I just wanted water not a glass or bottle. The waiter got it but it led to more questions regarding me wanting to know more about ordering drinks. For example how do you order Juices?


----------



## RM1(SS)

"Orange juice, please."
"Tomato juice, please."
"Coffee, please."
"Diet Coke with no ice, please."
"Rum and Coke, please."


----------



## Englishmypassion

JungKim said:


> So I take it that "water" is not used like *other *beverages on either side of the Atlantic.




Your sentence suggests that water is also a beverage, which is not true -- "beverage", as defined by the OALD, means "any type of drink _except_ water".

That probably explains why it is not often treated differently from beverages in terms of countability.


----------



## Language Hound

m0nchichi said:


> ...I ordered water yesterday...I just wanted water not a glass or bottle. The waiter got it but it led to more questions regarding me wanting to know more about ordering drinks.

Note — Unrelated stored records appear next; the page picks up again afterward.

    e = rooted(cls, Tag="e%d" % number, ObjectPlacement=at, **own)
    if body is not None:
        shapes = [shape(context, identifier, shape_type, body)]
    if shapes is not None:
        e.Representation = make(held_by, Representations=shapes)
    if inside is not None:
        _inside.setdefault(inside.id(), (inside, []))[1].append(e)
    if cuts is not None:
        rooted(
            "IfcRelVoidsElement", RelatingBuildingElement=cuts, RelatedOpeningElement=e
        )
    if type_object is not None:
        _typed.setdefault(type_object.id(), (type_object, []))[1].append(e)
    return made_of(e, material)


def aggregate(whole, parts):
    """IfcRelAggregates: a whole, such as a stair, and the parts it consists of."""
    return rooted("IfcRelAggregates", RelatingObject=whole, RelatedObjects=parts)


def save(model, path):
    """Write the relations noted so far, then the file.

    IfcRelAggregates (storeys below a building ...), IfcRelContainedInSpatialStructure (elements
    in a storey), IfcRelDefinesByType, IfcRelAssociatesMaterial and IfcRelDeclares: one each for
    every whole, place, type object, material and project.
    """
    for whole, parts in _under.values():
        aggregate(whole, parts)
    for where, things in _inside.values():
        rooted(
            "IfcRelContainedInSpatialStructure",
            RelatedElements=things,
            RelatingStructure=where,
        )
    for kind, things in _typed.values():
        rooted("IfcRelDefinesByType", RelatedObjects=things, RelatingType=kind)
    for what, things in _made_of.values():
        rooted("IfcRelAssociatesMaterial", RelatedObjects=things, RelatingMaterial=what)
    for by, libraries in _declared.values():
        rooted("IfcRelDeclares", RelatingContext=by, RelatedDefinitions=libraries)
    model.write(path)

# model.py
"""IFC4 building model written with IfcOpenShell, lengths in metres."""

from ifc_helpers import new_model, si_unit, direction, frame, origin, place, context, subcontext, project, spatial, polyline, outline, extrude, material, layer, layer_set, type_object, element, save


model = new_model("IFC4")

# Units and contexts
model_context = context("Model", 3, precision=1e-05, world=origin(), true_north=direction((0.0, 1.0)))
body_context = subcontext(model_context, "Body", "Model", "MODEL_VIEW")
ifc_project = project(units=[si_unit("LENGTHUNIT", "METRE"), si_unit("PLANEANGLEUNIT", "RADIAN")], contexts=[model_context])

I don't understand.  If you didn't want a glass of water or a bottle of water, how did you want your water served--in a pitcher?
What did the waiter understand?


----------



## JungKim

Englishmypassion said:


> Your sentence suggests that water is also a beverage, which is not true -- "beverage", as defined by the OALD, means "any type of drink _except_ water".
> 
> That probably explains why it is not often treated differently from beverages in terms of countability.


Interesting point, I must say.

Simply out of curiosity, I looked up its etymology:


> mid-13c., from Anglo-French beverage, Old French bevrage, from Old French boivre "to drink" (Modern French boire; from Latin bibere "to imbibe;" see imbibe) + -age, suffix forming mass or abstract nouns (see -age).



Nowhere in the etymology is shown the reason why 'beverage' shouldn't include water. I mean, you can certainly "drink" water more than anything else. After all, the only ingredient of any beverage that is indispensable is water.

So I wonder where this definition excluding water came from.

Indeed, most dictionaries define 'beverage' as excluding water. But the Merriam-Webster Dictionary defines it as simply "drinkable liquid", which should be able to include water itself.

So if you are aware of the reason why and when 'beverage' started to exclude water, please let me know.

On a side note, here's a couple of articles that seem to define it to be including water:
Why water is the best choice of beverage
Drink Water Until It Becomes Your Beverage of Choice


----------



## Andygc

It's odd that Oxford Dictionaries online excludes water from "beverage" but the OED does not. Those two link titles seem perfectly reasonable to me. Beverage isn't used much in daily life - I don't expect a waiter to ask "What beverage would you like?"

You pays your money and you takes your choice.


----------



## Englishmypassion

But I find the exclusion more logical/natural. 





Andygc said:


> You pay*s *your money and you take*s *your choice.



Typos?


----------



## Andygc

Englishmypassion said:


> Typos


No. A quotation from a cartoon in _Punch_ which was the origin of the phrase. There is a thread about it and its variant forms.


----------



## ewie

Andygc said:


> There is a thread about it and its variant forms.


You pays your money, you takes your choice/chance


----------



## suzi br

Englishmypassion said:


> Your sentence suggests that water is also a beverage, which is not true -- "beverage", as defined by the OALD, means "any type of drink _except_ water".
> 
> That probably explains why it is not often treated differently from beverages in terms of countability.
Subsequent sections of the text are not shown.